If a repo has auto-merge enabled: dismiss fires → PR satisfies all merge conditions → GitHub auto-merges → new review arrives after merge. The PR merges without the replacement review ever being evaluated.

Stale REQUEST_CHANGES as a security ratchet

A stale blocking review requires human judgment to dismiss. This is arguably a security feature, not a bug — it prevents a prompt-injected "clean" re-review from automatically unblocking a PR that had legitimate findings. The human dismissal step is a trust boundary.

"Same workflow" identity is underspecified

How does the platform determine which previous reviews belong to "this workflow"? All gh-aw workflows share github-actions[bot] as the actor. Workflow file path, run ID lineage, or a platform metadata store? Each has different security properties.

Alternative Approaches

Given these concerns, the gh-aw team may prefer one of these alternatives:

Option A: Codify [COMMENT] as the recommended pattern (lowest risk)

Update the docs to explicitly recommend allowed-events: [COMMENT] for review workflows. This is already what every team in this issue converged on.
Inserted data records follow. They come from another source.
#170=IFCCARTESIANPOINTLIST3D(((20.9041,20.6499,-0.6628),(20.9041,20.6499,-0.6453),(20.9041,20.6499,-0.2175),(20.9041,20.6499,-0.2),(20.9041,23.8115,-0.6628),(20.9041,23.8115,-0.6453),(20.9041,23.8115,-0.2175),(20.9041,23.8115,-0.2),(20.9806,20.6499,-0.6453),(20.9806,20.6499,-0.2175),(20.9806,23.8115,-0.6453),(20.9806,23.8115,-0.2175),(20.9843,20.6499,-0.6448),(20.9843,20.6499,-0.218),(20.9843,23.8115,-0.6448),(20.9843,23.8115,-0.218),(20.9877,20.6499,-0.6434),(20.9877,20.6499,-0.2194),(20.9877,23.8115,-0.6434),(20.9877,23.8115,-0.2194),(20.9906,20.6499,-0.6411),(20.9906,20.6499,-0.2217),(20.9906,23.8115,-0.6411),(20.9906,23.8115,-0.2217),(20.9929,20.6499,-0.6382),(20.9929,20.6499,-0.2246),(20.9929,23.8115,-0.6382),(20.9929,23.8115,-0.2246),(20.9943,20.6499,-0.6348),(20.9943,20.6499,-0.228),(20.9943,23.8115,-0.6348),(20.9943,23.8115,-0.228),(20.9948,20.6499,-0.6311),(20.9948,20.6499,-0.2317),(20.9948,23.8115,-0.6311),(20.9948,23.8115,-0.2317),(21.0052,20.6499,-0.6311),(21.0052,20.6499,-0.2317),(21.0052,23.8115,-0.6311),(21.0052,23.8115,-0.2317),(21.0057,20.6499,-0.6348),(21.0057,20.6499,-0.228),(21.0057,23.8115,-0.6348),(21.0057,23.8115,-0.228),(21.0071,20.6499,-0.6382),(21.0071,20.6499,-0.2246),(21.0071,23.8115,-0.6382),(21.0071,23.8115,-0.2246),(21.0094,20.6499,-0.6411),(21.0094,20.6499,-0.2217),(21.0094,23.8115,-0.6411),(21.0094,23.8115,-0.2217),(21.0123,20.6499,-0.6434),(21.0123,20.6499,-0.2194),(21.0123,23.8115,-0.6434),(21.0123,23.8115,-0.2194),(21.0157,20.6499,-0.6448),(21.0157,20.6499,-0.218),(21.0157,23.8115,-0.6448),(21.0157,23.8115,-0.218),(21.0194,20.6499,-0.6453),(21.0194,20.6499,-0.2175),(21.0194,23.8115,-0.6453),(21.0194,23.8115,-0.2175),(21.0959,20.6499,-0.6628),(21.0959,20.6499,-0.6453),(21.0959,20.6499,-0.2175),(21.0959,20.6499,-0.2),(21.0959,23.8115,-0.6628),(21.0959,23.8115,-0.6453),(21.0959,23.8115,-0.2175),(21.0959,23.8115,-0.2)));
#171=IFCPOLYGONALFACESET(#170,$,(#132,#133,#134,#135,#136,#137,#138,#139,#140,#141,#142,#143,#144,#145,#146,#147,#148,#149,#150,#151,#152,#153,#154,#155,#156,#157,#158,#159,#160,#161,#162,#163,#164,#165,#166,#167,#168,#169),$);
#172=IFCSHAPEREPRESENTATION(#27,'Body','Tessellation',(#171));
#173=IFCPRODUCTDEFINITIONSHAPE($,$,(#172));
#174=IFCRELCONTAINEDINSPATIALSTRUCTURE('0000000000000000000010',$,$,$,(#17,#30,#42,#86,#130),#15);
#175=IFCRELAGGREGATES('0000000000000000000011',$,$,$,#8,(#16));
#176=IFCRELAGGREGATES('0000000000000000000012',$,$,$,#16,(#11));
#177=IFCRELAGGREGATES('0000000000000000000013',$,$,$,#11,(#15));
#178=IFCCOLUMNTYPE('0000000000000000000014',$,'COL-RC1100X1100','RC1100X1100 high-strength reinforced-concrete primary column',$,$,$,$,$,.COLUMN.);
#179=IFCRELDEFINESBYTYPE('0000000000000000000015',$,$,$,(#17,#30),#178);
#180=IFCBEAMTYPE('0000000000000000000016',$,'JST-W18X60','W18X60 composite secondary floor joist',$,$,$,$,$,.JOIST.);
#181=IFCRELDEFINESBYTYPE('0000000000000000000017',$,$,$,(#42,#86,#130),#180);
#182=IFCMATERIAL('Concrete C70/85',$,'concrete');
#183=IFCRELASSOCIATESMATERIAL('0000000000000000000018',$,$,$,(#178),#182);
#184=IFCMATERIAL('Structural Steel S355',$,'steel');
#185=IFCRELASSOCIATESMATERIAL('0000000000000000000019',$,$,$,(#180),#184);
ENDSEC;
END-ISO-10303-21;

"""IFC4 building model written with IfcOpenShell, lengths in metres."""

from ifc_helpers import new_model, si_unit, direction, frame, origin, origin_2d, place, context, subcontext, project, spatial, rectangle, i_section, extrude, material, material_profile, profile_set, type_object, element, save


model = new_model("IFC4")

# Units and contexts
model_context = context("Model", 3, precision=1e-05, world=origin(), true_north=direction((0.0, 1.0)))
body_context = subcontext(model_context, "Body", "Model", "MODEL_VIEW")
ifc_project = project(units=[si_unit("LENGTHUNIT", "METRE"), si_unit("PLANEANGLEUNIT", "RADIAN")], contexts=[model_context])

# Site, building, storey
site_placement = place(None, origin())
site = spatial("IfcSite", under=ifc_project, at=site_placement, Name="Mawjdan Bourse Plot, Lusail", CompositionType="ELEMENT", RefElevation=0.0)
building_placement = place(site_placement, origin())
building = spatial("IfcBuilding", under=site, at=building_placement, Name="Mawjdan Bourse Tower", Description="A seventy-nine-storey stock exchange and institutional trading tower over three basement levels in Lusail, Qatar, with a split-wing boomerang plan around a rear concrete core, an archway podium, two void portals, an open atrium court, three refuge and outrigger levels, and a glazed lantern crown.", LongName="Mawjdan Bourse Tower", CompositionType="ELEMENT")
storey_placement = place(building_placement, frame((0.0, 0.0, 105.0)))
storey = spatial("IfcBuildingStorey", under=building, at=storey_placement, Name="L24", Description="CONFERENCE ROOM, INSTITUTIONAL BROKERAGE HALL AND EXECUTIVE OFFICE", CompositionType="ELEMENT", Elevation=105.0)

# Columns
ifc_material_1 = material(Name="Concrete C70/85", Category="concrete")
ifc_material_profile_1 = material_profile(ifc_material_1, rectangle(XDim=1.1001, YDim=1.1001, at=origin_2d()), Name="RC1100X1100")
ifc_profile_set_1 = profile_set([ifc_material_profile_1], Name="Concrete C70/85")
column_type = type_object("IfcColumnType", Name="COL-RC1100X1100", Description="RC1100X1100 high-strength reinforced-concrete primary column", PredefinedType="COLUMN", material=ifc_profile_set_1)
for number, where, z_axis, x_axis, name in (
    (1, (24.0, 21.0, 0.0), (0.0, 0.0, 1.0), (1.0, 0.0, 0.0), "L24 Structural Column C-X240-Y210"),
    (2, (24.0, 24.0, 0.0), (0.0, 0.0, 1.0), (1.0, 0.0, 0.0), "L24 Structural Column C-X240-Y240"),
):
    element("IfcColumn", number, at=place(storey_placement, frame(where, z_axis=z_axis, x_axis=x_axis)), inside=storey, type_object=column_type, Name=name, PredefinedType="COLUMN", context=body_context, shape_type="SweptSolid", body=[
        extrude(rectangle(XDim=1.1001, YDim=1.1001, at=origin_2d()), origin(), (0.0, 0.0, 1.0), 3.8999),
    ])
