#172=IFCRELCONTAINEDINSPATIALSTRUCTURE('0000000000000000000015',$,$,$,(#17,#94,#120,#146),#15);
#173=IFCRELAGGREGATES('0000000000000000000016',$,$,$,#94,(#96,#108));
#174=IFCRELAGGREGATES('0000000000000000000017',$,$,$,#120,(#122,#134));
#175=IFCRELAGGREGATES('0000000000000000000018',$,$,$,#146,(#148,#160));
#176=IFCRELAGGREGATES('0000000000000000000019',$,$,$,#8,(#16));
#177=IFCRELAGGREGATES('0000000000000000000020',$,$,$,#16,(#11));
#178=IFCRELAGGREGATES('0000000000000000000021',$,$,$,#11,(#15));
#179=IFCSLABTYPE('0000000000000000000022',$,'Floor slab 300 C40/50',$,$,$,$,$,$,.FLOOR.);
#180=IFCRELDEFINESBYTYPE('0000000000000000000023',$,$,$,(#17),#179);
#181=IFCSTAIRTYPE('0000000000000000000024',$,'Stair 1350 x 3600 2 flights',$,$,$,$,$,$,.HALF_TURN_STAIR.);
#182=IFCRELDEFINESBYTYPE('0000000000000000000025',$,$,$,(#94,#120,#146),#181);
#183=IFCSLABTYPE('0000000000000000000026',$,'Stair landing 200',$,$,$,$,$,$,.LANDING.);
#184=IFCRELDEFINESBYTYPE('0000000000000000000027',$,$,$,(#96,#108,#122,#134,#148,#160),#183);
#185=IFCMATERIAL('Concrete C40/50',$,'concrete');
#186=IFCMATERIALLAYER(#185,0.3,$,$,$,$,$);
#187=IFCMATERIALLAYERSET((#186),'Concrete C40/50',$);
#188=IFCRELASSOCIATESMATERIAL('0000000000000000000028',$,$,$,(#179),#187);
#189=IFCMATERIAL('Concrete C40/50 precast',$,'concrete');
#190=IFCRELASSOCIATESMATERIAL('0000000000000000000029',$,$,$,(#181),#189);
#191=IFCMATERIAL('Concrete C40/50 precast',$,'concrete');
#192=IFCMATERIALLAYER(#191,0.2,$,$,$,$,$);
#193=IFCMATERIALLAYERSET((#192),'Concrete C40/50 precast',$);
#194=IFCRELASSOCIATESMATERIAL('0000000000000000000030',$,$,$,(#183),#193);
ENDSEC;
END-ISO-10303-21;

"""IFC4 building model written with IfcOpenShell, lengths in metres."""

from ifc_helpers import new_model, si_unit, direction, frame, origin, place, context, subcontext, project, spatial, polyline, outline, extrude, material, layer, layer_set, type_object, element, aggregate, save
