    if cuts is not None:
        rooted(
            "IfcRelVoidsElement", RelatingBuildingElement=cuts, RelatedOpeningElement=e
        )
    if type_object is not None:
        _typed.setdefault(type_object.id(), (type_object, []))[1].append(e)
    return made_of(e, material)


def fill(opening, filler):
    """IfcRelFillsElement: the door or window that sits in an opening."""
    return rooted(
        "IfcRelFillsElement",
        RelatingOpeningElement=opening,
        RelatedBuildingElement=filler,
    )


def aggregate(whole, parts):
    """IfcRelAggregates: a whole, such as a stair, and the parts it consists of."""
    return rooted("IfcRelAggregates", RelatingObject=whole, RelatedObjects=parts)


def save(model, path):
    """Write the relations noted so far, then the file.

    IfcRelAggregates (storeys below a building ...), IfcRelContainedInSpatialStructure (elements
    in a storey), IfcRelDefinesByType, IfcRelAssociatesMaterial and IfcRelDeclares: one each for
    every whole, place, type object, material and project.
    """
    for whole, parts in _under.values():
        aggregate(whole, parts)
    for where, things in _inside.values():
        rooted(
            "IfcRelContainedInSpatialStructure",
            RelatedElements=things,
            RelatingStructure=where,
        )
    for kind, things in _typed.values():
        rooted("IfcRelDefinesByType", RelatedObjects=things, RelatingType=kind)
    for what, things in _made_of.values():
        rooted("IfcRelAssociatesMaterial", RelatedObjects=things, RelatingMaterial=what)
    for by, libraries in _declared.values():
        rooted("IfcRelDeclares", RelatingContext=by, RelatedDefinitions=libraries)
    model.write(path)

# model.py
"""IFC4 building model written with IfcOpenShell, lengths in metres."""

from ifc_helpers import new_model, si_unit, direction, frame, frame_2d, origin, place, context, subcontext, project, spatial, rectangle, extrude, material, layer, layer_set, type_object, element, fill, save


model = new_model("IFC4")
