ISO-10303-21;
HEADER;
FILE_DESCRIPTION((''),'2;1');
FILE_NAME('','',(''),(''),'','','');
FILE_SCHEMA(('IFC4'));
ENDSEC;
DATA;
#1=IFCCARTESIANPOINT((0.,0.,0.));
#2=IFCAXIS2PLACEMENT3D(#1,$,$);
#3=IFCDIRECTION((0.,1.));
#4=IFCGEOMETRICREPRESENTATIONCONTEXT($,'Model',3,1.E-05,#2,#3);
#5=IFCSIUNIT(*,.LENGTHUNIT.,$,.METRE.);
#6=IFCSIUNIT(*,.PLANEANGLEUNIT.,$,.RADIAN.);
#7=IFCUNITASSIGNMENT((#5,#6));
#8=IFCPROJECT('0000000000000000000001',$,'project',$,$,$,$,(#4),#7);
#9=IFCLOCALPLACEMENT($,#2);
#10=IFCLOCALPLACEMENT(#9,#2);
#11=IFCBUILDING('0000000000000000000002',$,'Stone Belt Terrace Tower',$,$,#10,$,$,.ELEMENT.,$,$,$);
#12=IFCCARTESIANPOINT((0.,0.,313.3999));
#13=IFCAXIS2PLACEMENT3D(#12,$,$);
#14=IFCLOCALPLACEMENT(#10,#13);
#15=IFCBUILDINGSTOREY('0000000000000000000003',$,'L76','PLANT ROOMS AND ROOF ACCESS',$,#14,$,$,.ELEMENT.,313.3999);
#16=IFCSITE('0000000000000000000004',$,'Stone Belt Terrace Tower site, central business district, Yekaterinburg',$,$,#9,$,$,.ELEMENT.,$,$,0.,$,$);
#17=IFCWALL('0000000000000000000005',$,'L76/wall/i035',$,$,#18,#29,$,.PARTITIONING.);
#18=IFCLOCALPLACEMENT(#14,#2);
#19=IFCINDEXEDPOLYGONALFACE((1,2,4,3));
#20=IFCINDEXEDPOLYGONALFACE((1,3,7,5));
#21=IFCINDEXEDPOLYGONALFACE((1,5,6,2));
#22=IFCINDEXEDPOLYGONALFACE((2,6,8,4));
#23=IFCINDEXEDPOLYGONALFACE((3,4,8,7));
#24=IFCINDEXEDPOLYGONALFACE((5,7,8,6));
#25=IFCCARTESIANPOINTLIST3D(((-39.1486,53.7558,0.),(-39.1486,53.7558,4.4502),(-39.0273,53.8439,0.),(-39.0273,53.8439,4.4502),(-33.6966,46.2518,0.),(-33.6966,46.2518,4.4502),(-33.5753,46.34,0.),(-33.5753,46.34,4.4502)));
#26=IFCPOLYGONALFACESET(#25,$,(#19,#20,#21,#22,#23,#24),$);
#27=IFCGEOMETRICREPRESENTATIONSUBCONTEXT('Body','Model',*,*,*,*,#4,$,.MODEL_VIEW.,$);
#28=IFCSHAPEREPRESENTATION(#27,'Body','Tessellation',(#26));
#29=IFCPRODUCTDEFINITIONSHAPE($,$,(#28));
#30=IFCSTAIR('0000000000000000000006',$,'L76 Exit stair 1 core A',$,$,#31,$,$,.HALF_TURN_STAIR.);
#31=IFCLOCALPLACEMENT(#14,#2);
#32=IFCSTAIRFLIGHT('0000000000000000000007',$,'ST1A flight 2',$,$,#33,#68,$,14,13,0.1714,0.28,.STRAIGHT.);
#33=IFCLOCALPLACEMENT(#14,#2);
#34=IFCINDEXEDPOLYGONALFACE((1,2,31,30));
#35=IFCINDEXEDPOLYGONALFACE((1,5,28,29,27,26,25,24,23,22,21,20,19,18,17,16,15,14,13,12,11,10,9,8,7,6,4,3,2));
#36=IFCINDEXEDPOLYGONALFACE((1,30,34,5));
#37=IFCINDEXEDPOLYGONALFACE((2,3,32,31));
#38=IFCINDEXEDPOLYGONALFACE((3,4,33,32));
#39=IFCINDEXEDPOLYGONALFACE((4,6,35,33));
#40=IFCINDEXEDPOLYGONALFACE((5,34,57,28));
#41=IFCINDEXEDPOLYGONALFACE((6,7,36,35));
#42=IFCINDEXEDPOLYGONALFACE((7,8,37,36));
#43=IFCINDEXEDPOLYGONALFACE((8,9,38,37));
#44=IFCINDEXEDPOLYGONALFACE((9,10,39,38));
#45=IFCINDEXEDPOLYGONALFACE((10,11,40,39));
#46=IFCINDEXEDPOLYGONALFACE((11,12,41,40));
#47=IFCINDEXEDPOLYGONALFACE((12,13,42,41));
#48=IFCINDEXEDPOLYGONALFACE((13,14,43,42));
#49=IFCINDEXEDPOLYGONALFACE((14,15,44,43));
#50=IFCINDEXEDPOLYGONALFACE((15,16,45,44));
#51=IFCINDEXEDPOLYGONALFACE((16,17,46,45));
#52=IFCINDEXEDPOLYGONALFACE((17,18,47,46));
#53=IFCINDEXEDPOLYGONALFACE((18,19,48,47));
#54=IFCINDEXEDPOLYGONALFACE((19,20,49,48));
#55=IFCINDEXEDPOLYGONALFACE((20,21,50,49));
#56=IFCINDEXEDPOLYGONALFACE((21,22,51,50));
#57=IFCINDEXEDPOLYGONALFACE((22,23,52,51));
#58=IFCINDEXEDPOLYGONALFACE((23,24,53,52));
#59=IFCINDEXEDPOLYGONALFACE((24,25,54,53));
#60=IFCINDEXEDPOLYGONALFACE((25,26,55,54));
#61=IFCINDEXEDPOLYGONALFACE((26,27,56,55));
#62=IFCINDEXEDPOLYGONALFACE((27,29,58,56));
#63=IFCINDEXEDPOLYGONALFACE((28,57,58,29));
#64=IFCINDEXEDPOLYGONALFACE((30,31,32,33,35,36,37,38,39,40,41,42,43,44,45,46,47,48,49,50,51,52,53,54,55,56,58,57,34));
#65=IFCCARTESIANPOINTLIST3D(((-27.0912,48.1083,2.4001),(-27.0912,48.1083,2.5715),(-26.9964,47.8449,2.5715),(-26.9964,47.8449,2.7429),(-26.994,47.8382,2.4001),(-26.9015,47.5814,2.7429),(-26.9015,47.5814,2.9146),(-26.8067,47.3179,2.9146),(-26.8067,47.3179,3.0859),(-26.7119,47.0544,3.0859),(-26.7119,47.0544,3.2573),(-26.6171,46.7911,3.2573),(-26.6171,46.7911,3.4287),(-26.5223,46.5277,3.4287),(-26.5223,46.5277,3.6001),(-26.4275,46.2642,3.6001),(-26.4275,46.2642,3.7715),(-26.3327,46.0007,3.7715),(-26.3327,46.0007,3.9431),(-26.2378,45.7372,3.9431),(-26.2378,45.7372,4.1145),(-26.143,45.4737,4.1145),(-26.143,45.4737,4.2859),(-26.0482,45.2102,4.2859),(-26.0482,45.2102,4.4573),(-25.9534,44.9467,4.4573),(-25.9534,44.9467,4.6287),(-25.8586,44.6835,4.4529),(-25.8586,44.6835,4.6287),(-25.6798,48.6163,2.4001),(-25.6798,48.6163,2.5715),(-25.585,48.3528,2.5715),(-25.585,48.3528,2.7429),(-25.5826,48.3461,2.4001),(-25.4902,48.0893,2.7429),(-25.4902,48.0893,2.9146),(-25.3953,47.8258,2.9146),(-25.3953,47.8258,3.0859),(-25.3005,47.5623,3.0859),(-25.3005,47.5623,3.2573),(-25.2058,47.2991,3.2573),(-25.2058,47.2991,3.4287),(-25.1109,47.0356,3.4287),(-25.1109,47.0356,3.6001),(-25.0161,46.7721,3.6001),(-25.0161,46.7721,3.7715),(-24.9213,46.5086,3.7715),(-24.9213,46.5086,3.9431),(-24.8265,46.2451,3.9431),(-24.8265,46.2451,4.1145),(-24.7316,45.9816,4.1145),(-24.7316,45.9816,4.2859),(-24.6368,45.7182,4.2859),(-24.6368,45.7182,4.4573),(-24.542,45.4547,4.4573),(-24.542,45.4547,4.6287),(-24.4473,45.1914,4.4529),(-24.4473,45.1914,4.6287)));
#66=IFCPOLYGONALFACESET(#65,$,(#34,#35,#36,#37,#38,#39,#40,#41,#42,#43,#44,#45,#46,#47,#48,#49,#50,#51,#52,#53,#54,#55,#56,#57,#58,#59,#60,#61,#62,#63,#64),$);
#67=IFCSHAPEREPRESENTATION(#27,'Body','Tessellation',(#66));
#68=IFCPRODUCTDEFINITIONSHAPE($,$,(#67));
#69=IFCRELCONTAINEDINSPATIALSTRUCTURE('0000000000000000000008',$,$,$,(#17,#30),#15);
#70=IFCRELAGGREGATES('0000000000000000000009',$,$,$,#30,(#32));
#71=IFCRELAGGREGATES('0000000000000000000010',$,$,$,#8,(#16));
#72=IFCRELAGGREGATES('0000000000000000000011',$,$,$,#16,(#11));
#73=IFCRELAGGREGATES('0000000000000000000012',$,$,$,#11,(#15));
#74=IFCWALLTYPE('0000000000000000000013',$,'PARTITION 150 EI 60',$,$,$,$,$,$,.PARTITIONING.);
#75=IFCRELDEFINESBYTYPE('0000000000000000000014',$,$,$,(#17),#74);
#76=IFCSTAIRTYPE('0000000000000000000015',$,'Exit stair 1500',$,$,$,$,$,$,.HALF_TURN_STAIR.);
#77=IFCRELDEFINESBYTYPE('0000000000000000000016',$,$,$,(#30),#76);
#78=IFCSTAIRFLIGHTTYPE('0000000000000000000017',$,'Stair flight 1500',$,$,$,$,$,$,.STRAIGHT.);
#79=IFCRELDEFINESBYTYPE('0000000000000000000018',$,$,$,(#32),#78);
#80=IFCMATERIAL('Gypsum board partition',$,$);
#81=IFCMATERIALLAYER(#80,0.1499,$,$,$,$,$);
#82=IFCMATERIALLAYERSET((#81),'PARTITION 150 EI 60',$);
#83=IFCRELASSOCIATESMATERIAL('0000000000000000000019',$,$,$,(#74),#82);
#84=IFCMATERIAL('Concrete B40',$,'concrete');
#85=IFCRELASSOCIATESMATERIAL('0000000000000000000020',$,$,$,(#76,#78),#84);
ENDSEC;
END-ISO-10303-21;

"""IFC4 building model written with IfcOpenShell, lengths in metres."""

from ifc_helpers import new_model, si_unit, direction, frame, frame_2d, origin, place, context, subcontext, project, spatial, polyline, rectangle, outline, extrude, material, layer, layer_set, type_object, element, aggregate, save


model = new_model("IFC4")

# Units and contexts
model_context = context("Model", 3, precision=1e-05, world=origin(), true_north=direction((0.0, 1.0)))
body_context = subcontext(model_context, "Body", "Model", "MODEL_VIEW")
ifc_project = project(units=[si_unit("LENGTHUNIT", "METRE"), si_unit("PLANEANGLEUNIT", "RADIAN")], contexts=[model_context])

# Site, building, storey
site_placement = place(None, origin())
site = spatial("IfcSite", under=ifc_project, at=site_placement, Name="Stone Belt Terrace Tower site, central business district, Yekaterinburg", CompositionType="ELEMENT", RefElevation=0.0)
building_placement = place(site_placement, origin())
building = spatial("IfcBuilding", under=site, at=building_placement, Name="Stone Belt Terrace Tower", CompositionType="ELEMENT")
storey_placement = place(building_placement, frame((0.0, 0.0, 313.3999)))
storey = spatial("IfcBuildingStorey", under=building, at=storey_placement, Name="L76", Description="PLANT ROOMS AND ROOF ACCESS", CompositionType="ELEMENT", Elevation=313.3999)

# Shared definitions
ifc_material_1 = material(Name="Gypsum board partition")
ifc_layer_1 = layer(ifc_material_1, 0.1499)
ifc_layer_set_1 = layer_set([ifc_layer_1], Name="PARTITION 150 EI 60")
wall_type_1 = type_object("IfcWallType", Name="PARTITION 150 EI 60", PredefinedType="PARTITIONING", material=ifc_layer_set_1)

# Wall
wall_1_placement = place(storey_placement, frame((-33.636, 46.2959, 0.0), z_axis=(0.0, 0.0, 1.0), x_axis=(-0.587785, 0.809017, 0.0)))
element("IfcWall", 1, at=wall_1_placement, inside=storey, type_object=wall_type_1, Name="L76/wall/i035", PredefinedType="PARTITIONING", context=body_context, shape_type="SweptSolid", body=[
    extrude(rectangle(XDim=9.2754, YDim=0.1499, at=frame_2d((4.6377, 0.0))), origin(), (0.0, 0.0, 1.0), 4.4502),
])

# Stair, stair flight
ifc_material_2 = material(Name="Concrete B40", Category="concrete")
stair_type = type_object("IfcStairType", Name="Exit stair 1500", PredefinedType="HALF_TURN_STAIR", material=ifc_material_2)
stair_placement = place(storey_placement, origin())
stair = element("IfcStair", 2, at=stair_placement, inside=storey, type_object=stair_type, Name="L76 Exit stair 1 core A", PredefinedType="HALF_TURN_STAIR")
stair_flight_type = type_object("IfcStairFlightType", Name="Stair flight 1500", PredefinedType="STRAIGHT", material=ifc_material_2)
stair_flight_placement = place(storey_placement, frame((-26.3855, 48.3623, 2.4001), z_axis=(0.0, 0.0, 1.0), x_axis=(0.338624, -0.940922, 0.0)))
stair_flight = element("IfcStairFlight", 3, at=stair_flight_placement, type_object=stair_flight_type, Name="ST1A flight 2", NumberOfRisers=14, NumberOfTreads=13, PredefinedType="STRAIGHT", RiserHeight=0.1714, TreadLength=0.28, context=body_context, shape_type="SweptSolid", body=[
    extrude(outline(polyline([(0.0, 0.0), (0.0, 0.1714), (0.28, 0.1714), (0.28, 0.3428), (0.5601, 0.3428), (0.5601, 0.5144), (0.8401, 0.5144), (0.8401, 0.6858), (1.1201, 0.6858), (1.1201, 0.8572), (1.3999, 0.8572), (1.3999, 1.0286), (1.6799, 1.0286), (1.6799, 1.2), (1.96, 1.2), (1.96, 1.3713), (2.24, 1.3713), (2.24, 1.543), (2.52, 1.543), (2.52, 1.7144), (2.8, 1.7144), (2.8, 1.8857), (3.0801, 1.8857), (3.0801, 2.0571), (3.3601, 2.0571), (3.3601, 2.2285), (3.6399, 2.2285), (3.6399, 2.3999), (3.6399, 2.0527), (0.2871, 0.0), (0.0, 0.0)])), frame((0.0, 0.75, 0.0), z_axis=(0.0, -1.0, 0.0), x_axis=(1.0, 0.0, 0.0)), (0.0, 0.0, 1.0), 1.5),
])
aggregate(stair, [stair_flight])

save(model, "model.ifc")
Bot reviews inform; humans control merge-blocking.

Option B: Explicit dismiss-pull-request-review safe output (higher visibility)

A separate safe output (not bundled as a side effect of posting) with:

  • scope: same-workflow — only reviews posted by same workflow identity
  • require-replacement: true — must be paired with a new review in the same run
  • max: 1 — rate limited
    This makes the permission grant visible in the workflow definition and auditable.

Option C: create-check-run for bot blocking

Status checks (required_status_checks) are purpose-built for bot blocking signals — independent of the human review flow, easy to re-run and replace, no dismiss semantics needed.

Precedent

add-comment already supports hide-older-comments: true with similar lifecycle semantics. However, as noted in the counter-arguments, hiding a comment is cosmetic (content still accessible), while dismissing a REQUEST_CHANGES review is a branch protection state change — categorically different operations.

The current submit-pull-request-review docs (reference) confirm no lifecycle management option exists today. The only options are: max, target, target-repo, allowed-repos, allowed-events, footer.